The narration echoed the bitter reality in her mind: the love she gave was often unreturned
.
> "IN REALITY, THE LOVE YOU GIVE DOESN'T BALANCE OUT... WITH THE LOVE YOU RECEIVE."
>
Moments later, a boy on the periphery—a student Iseul recognized who often had low numbers—approached the popular group. He started to speak, perhaps inviting the popular boy to an activity.
"Sorry, I have cram school," the popular boy dismissed him with a neutral expression. It wasn't cruel, just indifferent. And yet, the lack of connection, the outright rejection, caused no dip in the popular boy's enormous score.
It was a world where affection was a pre-loaded currency, and Iseul was a quiet observer, always watching the few fortunate ones who were born rich in love.
The world, viewed through Iseul's self-aware lens, was nothing more than a meticulously quantified Love Economy. Every person was walking around with a visible Lifetime Love Cap—a number that felt less like a potential and more like a cruel, pre-assigned ceiling.
Iseul leaned against the window, the cold glass a counterpoint to the hot, churning resentment in her gut. She focused her retro Jellypop flip phone on herself, confirming the bitter truth displayed on the screen: 32/728.
> "AND THAT'S HOW MUCH LOVE I'LL RECEIVE IN MY WHOLE LIFETIME. HAHAHA..."
>
She let out a dry, humorless laugh, the sound swallowed by the general bustle of the school day.
The Inequality of Inherent Popularity
The core issue wasn't effort; it was destiny. Just as there are people born into wealth, literally, there are people destined to receive love. This concept was visually represented by a golden spoon—the symbol of inherited privilege—floating above the heads of the popular.
Iseul tracked a boy whose Love Cap was astronomical: 38.7K. He was already at 10.3K, accumulating affection with every casual interaction.
The cruel part was that the metrics that usually define success were irrelevant:
* Looks
* Body Type
* Personality
Popularity, Iseul realized, wasn't earned; it was something you're born with, a skill and asset ingrained from birth. It made her efforts feel like a pointless, futile exertion.
The Unbalanced Ledger
The most painful truth of the Love Economy was the lack of reciprocity.

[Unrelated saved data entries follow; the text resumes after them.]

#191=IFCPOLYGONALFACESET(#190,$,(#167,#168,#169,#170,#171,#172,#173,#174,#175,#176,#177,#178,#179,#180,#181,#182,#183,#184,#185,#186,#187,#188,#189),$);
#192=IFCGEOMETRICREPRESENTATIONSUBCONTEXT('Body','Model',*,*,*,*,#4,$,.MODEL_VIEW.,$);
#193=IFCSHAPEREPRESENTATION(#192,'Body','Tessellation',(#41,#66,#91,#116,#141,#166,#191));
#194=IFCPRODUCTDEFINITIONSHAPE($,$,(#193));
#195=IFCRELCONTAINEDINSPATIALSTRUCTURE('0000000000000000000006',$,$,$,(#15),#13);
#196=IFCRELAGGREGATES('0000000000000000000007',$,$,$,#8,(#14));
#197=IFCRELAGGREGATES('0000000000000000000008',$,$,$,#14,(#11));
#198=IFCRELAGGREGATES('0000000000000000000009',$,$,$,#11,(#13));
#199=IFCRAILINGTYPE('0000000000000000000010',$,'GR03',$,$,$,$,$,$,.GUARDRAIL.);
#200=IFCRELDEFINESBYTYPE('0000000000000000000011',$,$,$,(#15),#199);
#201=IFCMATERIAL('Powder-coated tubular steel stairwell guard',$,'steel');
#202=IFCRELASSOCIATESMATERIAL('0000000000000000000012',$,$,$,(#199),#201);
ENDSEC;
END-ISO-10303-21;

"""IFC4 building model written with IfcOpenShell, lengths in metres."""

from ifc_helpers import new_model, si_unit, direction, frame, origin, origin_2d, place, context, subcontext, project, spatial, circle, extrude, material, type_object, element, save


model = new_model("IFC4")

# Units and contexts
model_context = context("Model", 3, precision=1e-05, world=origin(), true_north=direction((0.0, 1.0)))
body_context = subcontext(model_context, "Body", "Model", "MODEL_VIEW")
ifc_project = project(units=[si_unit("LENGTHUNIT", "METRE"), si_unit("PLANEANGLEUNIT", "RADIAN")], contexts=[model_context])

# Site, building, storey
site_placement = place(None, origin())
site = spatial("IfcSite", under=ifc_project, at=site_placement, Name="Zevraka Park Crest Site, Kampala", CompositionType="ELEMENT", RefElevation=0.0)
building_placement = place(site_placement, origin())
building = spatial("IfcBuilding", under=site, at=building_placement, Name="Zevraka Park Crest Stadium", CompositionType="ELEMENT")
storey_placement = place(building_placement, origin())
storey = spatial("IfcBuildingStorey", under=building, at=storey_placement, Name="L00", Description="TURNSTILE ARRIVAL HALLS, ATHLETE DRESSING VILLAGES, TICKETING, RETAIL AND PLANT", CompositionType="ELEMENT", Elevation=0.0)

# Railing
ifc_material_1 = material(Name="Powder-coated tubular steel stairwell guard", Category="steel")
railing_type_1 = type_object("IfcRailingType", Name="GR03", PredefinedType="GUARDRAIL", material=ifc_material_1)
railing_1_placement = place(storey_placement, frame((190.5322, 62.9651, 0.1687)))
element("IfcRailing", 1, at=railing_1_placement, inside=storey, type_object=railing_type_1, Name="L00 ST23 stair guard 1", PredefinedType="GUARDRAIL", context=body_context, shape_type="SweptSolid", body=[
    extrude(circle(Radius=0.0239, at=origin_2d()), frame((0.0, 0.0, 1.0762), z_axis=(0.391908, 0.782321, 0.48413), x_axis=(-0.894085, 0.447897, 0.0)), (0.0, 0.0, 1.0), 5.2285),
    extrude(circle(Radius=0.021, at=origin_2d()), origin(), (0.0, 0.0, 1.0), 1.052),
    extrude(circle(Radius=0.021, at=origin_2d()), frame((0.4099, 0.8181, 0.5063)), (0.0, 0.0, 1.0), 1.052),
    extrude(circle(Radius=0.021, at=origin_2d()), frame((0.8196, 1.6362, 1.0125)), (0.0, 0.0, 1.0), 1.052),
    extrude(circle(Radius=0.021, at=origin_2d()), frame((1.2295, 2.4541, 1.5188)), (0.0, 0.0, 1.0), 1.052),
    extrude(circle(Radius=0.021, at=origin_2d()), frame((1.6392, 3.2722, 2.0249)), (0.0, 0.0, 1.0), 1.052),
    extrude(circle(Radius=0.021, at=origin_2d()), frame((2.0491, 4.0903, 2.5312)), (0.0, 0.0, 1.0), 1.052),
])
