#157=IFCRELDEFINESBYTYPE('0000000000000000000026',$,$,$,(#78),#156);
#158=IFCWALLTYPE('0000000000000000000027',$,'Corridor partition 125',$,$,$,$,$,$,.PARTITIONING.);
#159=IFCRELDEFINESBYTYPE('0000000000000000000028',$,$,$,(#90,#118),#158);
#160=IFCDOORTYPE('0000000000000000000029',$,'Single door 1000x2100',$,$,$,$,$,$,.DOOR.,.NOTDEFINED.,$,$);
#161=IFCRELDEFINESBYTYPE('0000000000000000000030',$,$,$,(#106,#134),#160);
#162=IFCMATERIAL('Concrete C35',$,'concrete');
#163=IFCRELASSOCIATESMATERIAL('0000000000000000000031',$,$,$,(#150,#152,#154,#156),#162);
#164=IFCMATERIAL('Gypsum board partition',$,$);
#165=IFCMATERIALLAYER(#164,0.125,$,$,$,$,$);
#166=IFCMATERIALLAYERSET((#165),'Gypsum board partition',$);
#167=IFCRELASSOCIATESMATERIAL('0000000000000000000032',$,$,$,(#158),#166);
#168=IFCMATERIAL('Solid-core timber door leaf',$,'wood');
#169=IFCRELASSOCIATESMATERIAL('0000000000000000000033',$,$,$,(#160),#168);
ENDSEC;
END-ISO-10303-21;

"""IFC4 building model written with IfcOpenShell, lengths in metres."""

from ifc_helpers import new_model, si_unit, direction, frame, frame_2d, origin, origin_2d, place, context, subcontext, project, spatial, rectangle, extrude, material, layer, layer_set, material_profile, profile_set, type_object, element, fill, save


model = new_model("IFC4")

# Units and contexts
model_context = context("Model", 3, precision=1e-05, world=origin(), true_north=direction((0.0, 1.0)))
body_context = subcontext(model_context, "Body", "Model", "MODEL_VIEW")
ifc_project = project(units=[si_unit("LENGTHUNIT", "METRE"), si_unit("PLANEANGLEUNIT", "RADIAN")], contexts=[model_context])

> "IN REALITY, THE LOVE YOU GIVE DOESN'T BALANCE OUT... WITH THE LOVE YOU RECEIVE."
>
Iseul observed the popular boy walk by, his total swelling with the smallest gestures. A simple gesture from a girl securing his arm resulted in a digital +1. She knew any affection she attempted to give would likely be wasted, failing to secure a similar return, or worse, just ignored.
She caught her own reflection in the flip phone: a girl making a pouty face, labeled with her dismal stats.
> "...I AM BASICALLY... AT THE BOTTOM OF THE LADDER."
>
The reality of being born with a predetermined, minuscule Love Cap was a crushing burden. It meant that in a world where everyone loved, Iseul was essentially starting from a state of ZERO, with a potential that barely registered. This certainty was what truly defined her existence: a constant, invisible reminder that she would always be an outsider in the pursuit of affection.